Published: 14 Jul at 12 PM Tags: Euro, Dollar, Pound Sterling, America, UK, Eurozone, Australian Dollar, New Zealand Dollar, Canadian Dollar, Australia, New Zealand, USA, Canada, France, Germany, Japan, South Africa, Portugal,
British Pound (GBP)
In a quiet day by way of UK data on Monday, the Pound is currently trading lower at 1.7113 against the US Dollar after a poor performance for UK figures last week. Tuesday will be an influential day for Sterling with the UK Consumer Price Index released, along with the Core Consumer Price Index and the Producer Price Index. However, with the Pound still trading in the currency market strongly, businesses fear for their profits with more gains forecast. An expert in the field, Simon French, commented: ‘We expect Sterling to sustain its recent gains and to appreciate further in the coming months.’
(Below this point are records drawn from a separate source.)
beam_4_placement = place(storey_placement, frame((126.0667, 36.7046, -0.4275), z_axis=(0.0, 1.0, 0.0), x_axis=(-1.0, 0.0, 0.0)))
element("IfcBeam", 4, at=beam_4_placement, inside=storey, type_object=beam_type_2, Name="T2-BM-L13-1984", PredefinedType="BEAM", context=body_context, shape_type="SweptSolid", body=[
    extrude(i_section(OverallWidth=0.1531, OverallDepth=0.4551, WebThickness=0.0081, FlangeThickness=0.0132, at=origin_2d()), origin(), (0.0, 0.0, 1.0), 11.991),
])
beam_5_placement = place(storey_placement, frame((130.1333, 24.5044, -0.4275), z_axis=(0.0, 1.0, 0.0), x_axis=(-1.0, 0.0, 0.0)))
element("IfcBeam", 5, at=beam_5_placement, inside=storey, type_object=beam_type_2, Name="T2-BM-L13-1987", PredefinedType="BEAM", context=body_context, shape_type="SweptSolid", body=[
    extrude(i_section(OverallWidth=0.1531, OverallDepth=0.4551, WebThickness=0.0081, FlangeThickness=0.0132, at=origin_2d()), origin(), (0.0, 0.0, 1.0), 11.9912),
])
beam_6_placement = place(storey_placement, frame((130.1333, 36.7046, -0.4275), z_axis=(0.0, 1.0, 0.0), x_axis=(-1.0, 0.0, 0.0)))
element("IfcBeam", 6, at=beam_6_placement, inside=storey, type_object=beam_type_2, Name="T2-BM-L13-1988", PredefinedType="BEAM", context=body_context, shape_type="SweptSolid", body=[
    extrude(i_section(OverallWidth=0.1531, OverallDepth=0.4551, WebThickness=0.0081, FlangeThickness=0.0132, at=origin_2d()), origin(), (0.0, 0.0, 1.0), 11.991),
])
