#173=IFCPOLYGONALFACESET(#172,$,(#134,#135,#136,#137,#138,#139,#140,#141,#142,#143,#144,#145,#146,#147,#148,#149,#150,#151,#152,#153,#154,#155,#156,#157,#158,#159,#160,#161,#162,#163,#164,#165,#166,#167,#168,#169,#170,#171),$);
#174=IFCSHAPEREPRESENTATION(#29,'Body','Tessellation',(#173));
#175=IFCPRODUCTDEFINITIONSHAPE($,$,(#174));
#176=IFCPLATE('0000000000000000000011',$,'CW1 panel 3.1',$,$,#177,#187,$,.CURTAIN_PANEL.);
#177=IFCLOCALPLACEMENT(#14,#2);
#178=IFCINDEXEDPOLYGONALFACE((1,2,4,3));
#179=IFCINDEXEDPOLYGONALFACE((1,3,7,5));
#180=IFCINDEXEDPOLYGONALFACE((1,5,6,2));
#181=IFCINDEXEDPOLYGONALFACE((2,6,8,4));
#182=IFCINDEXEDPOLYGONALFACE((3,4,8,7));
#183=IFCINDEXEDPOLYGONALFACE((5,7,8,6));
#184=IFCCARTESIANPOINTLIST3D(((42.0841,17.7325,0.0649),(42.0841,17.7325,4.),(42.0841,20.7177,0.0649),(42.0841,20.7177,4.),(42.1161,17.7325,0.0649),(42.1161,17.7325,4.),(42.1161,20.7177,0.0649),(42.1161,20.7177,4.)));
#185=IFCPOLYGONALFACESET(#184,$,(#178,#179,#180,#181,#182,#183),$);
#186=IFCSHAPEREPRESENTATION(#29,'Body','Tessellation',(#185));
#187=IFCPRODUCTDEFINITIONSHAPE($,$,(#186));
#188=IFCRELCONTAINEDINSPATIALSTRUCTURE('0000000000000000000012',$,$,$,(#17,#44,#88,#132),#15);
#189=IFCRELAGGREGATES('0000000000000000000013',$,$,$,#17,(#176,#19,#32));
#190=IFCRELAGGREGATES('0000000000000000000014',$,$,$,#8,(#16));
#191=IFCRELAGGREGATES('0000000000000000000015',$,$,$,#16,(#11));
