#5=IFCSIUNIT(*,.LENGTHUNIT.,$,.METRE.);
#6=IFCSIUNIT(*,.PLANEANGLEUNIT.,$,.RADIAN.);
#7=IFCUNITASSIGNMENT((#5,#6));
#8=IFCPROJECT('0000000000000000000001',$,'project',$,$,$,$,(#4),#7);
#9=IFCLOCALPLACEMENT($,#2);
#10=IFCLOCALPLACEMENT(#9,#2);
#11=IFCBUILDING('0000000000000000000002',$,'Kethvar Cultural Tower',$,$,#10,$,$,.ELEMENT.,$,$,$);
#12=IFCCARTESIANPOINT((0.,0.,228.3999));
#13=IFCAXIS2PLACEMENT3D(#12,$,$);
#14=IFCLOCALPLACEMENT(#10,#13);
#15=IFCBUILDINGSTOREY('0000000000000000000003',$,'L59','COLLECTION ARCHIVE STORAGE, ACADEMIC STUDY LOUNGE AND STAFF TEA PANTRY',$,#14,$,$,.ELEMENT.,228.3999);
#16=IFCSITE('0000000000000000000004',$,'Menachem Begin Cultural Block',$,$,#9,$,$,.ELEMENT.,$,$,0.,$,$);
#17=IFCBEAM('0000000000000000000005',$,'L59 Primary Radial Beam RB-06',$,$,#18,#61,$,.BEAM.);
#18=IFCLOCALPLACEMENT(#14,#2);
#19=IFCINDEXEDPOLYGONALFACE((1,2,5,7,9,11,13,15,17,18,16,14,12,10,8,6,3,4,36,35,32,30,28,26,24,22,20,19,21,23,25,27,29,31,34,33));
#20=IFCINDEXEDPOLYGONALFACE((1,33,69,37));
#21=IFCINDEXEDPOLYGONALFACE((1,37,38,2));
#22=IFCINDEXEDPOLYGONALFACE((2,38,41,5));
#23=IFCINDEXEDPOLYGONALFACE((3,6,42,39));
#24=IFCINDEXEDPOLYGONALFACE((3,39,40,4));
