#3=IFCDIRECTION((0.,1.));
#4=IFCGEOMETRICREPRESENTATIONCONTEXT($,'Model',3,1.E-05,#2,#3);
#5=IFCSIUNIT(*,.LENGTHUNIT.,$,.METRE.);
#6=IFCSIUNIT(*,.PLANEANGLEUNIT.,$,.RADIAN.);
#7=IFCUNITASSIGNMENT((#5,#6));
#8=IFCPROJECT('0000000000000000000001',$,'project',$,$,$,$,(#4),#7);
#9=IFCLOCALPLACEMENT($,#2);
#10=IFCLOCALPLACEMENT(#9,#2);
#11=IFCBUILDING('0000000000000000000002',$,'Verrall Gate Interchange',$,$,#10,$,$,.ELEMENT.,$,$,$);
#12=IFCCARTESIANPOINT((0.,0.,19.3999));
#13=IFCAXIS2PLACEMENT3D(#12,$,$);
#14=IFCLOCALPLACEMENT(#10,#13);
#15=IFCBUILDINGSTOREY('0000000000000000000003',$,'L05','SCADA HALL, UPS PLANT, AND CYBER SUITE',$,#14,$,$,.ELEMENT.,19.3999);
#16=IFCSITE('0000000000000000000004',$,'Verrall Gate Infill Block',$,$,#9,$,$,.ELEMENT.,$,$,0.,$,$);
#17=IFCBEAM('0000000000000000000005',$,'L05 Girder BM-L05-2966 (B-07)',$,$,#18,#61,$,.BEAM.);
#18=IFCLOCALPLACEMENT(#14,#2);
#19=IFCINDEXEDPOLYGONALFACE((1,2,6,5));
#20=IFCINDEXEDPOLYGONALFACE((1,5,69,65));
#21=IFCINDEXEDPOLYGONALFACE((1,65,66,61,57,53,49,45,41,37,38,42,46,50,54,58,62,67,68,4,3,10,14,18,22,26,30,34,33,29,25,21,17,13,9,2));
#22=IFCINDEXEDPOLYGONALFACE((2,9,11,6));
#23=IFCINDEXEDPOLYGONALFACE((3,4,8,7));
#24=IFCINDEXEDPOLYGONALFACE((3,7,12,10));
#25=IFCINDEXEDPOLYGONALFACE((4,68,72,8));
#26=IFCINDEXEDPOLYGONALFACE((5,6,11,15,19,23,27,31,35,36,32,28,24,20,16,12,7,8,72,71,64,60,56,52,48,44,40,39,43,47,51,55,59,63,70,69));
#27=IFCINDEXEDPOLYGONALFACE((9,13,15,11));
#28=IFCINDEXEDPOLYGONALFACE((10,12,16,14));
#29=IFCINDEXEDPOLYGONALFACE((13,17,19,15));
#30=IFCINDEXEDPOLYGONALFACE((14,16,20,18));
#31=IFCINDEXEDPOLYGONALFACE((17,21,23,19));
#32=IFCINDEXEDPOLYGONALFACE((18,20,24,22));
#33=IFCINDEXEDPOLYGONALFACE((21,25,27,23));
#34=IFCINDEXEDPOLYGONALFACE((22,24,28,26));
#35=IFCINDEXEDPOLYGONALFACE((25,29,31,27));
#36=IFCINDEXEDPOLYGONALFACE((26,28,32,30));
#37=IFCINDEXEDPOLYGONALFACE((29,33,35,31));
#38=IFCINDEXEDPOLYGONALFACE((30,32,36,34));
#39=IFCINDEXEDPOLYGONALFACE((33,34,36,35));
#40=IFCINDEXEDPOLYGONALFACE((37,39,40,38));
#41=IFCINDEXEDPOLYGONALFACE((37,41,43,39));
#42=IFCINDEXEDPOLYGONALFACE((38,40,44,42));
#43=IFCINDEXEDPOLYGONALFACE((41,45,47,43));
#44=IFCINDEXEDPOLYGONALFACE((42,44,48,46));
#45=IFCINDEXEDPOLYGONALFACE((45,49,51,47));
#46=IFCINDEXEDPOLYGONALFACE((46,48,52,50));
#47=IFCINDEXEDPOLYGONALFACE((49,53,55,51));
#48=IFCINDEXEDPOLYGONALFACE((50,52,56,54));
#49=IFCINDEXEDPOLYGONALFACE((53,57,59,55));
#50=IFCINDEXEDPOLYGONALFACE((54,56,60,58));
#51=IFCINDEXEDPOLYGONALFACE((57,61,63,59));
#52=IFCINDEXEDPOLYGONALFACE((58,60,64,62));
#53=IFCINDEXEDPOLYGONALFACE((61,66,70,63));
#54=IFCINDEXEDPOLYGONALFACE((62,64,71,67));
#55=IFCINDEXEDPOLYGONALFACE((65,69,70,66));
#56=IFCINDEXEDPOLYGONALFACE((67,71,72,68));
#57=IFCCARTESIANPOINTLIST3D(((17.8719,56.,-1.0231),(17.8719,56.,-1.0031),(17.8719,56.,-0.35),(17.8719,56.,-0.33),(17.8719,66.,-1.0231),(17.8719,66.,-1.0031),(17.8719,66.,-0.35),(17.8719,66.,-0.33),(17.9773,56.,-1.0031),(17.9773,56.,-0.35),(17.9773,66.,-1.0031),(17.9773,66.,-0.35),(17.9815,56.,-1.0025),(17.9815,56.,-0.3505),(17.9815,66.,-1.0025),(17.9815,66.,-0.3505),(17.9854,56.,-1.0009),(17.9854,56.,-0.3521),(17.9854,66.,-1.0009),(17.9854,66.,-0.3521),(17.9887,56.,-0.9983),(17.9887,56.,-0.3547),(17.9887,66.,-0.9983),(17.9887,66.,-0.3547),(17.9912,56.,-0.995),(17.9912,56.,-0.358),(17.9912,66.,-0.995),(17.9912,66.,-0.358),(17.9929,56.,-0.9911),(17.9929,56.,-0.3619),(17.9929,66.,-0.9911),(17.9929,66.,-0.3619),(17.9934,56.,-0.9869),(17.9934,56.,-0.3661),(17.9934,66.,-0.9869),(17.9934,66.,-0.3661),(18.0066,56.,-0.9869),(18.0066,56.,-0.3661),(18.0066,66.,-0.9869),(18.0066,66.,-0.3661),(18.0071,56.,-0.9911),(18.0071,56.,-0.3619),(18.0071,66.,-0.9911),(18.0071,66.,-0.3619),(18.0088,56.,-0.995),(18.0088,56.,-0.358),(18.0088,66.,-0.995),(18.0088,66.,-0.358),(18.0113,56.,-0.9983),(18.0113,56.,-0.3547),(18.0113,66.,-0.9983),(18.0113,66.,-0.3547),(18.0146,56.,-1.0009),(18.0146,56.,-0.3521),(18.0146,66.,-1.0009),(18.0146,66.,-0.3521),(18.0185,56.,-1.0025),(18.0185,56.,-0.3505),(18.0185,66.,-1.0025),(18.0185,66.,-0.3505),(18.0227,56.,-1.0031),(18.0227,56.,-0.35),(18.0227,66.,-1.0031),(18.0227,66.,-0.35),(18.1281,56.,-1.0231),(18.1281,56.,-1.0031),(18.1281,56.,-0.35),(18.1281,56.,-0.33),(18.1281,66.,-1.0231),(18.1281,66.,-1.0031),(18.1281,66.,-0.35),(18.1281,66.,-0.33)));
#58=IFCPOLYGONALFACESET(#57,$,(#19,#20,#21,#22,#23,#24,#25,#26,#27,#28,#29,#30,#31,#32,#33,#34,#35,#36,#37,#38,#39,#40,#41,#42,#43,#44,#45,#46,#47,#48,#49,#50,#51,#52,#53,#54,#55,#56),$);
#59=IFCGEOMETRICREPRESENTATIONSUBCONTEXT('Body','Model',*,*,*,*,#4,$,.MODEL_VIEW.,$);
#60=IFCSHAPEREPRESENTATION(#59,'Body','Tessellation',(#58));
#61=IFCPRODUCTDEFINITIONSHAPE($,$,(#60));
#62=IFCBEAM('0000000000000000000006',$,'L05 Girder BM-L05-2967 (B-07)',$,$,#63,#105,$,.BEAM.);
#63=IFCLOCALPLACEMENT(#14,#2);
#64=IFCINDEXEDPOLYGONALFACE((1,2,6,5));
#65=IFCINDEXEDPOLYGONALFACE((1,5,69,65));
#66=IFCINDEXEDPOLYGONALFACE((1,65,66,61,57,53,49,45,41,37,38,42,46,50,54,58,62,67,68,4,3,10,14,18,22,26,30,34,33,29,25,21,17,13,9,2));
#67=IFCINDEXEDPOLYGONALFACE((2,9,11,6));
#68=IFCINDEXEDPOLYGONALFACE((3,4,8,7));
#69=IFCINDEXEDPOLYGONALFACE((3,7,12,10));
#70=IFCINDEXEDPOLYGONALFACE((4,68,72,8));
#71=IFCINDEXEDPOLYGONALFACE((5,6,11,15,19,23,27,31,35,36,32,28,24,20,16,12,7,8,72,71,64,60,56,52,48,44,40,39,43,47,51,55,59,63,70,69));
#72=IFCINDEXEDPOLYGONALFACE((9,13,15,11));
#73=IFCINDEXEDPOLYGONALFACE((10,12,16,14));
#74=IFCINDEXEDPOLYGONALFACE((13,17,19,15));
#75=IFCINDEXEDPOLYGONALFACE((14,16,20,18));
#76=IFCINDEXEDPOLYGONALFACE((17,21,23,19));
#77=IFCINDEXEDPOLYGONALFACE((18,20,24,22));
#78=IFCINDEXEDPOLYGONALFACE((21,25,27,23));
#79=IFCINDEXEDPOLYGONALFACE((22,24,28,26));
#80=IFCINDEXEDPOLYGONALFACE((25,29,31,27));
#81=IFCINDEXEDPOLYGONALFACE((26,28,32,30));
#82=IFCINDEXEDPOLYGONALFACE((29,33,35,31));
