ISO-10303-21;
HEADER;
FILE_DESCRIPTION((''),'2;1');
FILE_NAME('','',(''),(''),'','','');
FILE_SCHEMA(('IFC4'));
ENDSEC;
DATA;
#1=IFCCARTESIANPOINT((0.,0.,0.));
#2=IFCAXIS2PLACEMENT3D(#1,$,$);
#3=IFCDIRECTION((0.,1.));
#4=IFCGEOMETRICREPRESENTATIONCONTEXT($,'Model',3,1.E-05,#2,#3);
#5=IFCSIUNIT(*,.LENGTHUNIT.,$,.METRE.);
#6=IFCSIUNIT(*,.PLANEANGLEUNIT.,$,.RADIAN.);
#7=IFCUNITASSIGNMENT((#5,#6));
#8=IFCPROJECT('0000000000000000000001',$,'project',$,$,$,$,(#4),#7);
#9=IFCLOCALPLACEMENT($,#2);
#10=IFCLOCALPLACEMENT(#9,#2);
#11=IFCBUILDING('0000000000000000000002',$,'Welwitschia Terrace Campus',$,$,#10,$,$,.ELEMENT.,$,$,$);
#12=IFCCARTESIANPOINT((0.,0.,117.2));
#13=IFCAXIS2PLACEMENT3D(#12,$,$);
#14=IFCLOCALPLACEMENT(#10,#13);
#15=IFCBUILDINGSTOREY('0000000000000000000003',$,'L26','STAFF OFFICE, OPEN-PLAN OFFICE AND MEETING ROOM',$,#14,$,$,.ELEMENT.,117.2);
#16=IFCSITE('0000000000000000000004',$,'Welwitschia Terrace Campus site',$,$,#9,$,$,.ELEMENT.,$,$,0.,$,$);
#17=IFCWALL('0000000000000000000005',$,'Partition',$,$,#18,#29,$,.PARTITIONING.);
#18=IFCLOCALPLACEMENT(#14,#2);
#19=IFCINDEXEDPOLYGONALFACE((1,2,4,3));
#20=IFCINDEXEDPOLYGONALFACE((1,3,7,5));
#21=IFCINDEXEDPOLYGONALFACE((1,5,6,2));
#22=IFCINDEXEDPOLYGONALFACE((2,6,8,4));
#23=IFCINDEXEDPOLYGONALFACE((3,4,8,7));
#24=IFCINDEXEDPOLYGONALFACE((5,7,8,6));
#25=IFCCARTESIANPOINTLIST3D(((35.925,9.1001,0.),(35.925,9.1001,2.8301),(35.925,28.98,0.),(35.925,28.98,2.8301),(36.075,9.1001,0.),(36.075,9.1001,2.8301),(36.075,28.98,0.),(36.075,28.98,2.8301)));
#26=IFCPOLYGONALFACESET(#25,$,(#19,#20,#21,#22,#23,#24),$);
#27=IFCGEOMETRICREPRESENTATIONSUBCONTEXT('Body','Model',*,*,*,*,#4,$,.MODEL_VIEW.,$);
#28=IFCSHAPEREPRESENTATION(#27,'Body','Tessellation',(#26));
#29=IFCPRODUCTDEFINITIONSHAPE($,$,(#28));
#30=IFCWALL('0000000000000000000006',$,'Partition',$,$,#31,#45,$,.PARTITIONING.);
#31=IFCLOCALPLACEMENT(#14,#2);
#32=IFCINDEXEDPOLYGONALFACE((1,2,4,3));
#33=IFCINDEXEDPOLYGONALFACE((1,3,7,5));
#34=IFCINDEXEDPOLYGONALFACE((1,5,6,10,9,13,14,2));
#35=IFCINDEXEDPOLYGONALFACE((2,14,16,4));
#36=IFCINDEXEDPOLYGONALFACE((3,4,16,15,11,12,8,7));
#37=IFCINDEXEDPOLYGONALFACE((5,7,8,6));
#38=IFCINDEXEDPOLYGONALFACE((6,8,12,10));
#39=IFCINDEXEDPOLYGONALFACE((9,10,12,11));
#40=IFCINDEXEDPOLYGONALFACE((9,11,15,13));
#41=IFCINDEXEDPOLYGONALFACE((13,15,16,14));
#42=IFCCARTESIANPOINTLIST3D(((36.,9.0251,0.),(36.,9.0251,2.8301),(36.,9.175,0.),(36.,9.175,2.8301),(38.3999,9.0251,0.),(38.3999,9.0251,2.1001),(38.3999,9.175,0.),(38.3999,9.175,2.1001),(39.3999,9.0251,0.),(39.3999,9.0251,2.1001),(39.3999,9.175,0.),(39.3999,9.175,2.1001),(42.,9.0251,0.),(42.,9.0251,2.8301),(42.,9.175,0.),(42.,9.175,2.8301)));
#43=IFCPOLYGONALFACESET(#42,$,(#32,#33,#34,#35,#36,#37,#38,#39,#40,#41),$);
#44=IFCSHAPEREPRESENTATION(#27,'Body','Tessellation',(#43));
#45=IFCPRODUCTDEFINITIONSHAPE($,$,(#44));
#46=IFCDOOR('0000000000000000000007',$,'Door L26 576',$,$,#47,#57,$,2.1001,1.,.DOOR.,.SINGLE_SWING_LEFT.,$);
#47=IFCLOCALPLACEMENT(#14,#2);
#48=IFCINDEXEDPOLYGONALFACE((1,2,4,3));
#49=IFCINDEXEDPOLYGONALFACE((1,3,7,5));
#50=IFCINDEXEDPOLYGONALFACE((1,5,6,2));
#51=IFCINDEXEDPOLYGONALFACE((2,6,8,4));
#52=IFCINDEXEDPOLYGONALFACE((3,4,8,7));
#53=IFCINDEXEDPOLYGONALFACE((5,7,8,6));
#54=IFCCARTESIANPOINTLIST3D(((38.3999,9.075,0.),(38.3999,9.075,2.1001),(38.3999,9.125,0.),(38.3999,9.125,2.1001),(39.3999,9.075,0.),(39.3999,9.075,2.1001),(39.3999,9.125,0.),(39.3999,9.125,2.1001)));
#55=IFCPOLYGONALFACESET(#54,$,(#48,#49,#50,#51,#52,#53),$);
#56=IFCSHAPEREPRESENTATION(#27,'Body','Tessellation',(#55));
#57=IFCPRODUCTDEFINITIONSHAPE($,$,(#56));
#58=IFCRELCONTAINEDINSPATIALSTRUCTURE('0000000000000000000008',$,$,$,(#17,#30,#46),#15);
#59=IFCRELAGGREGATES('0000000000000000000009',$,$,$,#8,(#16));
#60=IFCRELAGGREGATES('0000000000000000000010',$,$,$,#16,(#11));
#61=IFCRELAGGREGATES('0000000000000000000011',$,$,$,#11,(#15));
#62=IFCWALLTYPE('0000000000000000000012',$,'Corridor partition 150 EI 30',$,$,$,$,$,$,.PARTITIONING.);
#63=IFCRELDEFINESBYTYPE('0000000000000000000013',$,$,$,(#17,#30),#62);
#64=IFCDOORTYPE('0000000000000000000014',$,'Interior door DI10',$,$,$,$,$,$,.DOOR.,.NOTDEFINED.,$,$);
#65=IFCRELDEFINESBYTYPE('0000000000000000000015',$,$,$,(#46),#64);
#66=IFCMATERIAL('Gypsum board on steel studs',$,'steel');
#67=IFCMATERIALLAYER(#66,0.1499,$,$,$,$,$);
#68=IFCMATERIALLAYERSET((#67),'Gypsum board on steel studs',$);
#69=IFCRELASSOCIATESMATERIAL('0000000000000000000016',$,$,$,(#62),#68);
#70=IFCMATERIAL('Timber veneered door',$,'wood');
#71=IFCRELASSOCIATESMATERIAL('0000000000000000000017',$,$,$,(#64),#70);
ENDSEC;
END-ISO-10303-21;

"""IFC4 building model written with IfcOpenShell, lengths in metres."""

from ifc_helpers import new_model, si_unit, direction, frame, frame_2d, origin, place, context, subcontext, project, spatial, rectangle, extrude, material, layer, layer_set, type_object, element, fill, save


model = new_model("IFC4")

# Units and contexts
model_context = context("Model", 3, precision=1e-05, world=origin(), true_north=direction((0.0, 1.0)))
body_context = subcontext(model_context, "Body", "Model", "MODEL_VIEW")
ifc_project = project(units=[si_unit("LENGTHUNIT", "METRE"), si_unit("PLANEANGLEUNIT", "RADIAN")], contexts=[model_context])

# Site, building, storey
site_placement = place(None, origin())
site = spatial("IfcSite", under=ifc_project, at=site_placement, Name="Welwitschia Terrace Campus site", CompositionType="ELEMENT", RefElevation=0.0)
building_placement = place(site_placement, origin())
building = spatial("IfcBuilding", under=site, at=building_placement, Name="Welwitschia Terrace Campus", CompositionType="ELEMENT")
storey_placement = place(building_placement, frame((0.0, 0.0, 117.2)))
storey = spatial("IfcBuildingStorey", under=building, at=storey_placement, Name="L26", Description="STAFF OFFICE, OPEN-PLAN OFFICE AND MEETING ROOM", CompositionType="ELEMENT", Elevation=117.2)

# Wall
ifc_material_1 = material(Name="Gypsum board on steel studs", Category="steel")
ifc_layer_1 = layer(ifc_material_1, 0.1499)
ifc_layer_set_1 = layer_set([ifc_layer_1], Name="Gypsum board on steel studs")
wall_type = type_object("IfcWallType", Name="Corridor partition 150 EI 30", PredefinedType="PARTITIONING", material=ifc_layer_set_1)
wall_1_placement = place(storey_placement, frame((36.0, 9.1001, 0.0), z_axis=(0.0, 0.0, 1.0), x_axis=(0.0, 1.0, 0.0)))
element("IfcWall", 1, at=wall_1_placement, inside=storey, type_object=wall_type, Name="Partition", PredefinedType="PARTITIONING", context=body_context, shape_type="SweptSolid", body=[
    extrude(rectangle(XDim=19.8799, YDim=0.1499, at=frame_2d((9.9399, 0.0))), origin(), (0.0, 0.0, 1.0), 2.8301),
])

# Wall, opening, door
wall_2_placement = place(storey_placement, frame((36.0, 9.1001, 0.0), z_axis=(0.0, 0.0, 1.0), x_axis=(1.0, 0.0, 0.0)))
wall_2 = element("IfcWall", 2, at=wall_2_placement, inside=storey, type_object=wall_type, Name="Partition", PredefinedType="PARTITIONING", context=body_context, shape_type="SweptSolid", body=[
    extrude(rectangle(XDim=6.0, YDim=0.1499, at=frame_2d((3.0, 0.0))), origin(), (0.0, 0.0, 1.0), 2.8301),
])
opening_placement = place(wall_2_placement, frame((2.3999, 0.0, 0.0)))
opening = element("IfcOpeningElement", 3, at=opening_placement, cuts=wall_2, PredefinedType="OPENING", context=body_context, shape_type="SweptSolid", body=[
    extrude(rectangle(XDim=1.0, YDim=2.1001, at=frame_2d((0.5, 1.05))), frame((0.0, 0.085, 0.0), z_axis=(0.0, -1.0, 0.0), x_axis=(1.0, 0.0, 0.0)), (0.0, 0.0, 1.0), 0.1699),
])
ifc_material_2 = material(Name="Timber veneered door", Category="wood")
door_type = type_object("IfcDoorType", Name="Interior door DI10", OperationType="NOTDEFINED", PredefinedType="DOOR", material=ifc_material_2)
door_placement = place(opening_placement, origin())
door = element("IfcDoor", 4, at=door_placement, inside=storey, type_object=door_type, Name="Door L26 576", OperationType="SINGLE_SWING_LEFT", OverallHeight=2.1001, OverallWidth=1.0, PredefinedType="DOOR", context=body_context, shape_type="SweptSolid", body=[
    extrude(rectangle(XDim=1.0, YDim=2.1001, at=frame_2d((0.5, 1.05))), frame((0.0, 0.0249, 0.0), z_axis=(0.0, -1.0, 0.0), x_axis=(1.0, 0.0, 0.0)), (0.0, 0.0, 1.0), 0.05),
])
fill(opening, door)

save(model, "model.ifc")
Last week the Euro came under pressure when one of Portugal
’s biggest banks—Banco Espirito Santo—failed to make a debt payment. However since then German Chancellor, Angela Merkel, has highlighted that the Portugal incident is an example of how fragile the Euro and the economy are within the Eurozone. Merkel stated: ‘The example of a Portuguese bank showed us in the last few days how quickly the so-called markets are roiled, how quickly uncertainty returns.’ Tuesday will see the release of the Eurozone Industrial Production data, which is currently forecast to fall from 1.4% to an unfavourable 0.5% YoY which could weaken the Euro further.
US Dollar (USD)
The US Dollar will experience an influential day on Tuesday as chairwoman for the Federal Reserve, Janet Yellen, will give the Semi-Annual Testimony to the Senate Committee, which will hopefully cast some light on the US interest rate hike speculation. In anticipation of Yellen’s speech, the US Dollar is currently trading within a 0.3% proximity from its lowest level in nearly two months against the Japanese Yen. Currency expert Jim Vrondas speculated: ‘The tone from Yellen will start to change probably in the next quarter but not yet. If Yellen remains dovish any rally in Dollar-Yen may be an opportunity to sell it.’
Canadian Dollar (CAD)
The Canadian Dollar saw disappointment on Friday when the Canadian Employment data proved a huge disappointment. The Net Change in Employment data showed -9.4K in June, falling dramatically from the previous 25.8K in May, and completely bypassing forecasts of the creation of 20.0K jobs. Unemployment rate also grew from 7.0% to 7.1%, which combined with the new jobs data caused a softening of the ‘Loonie’. However with the Bank of Canada
looking to pull down their currency to make their exports more competitive, the latest job data may have done that for them with the Canadian Dollar falling from the 94 cents region, to the very low 0.9305 position against the US Dollar.
Australian Dollar (AUD)
Monday sees the Australian Dollar on the precipice of the 94 US cents threshold, after Portugal fears are quelled. However economists are predicting the ‘Aussie’ will plummet to its lowest level in five years, a fall of over 8% to approximately 86 cents against the US Dollar in 2015. The downfall of the ‘Aussie’ will be due to feeble economic growth, and weak household spending. Peter Martin for the Sydney Morning Herald stated: ‘Most of our panel expect the Reserve Bank to sit on its hands for the rest of this year, leaving the cash rate at 2.5%.’ The ‘Aussie’ has a relatively quiet week by way of data this week, lending to other currencies movement to determine its own.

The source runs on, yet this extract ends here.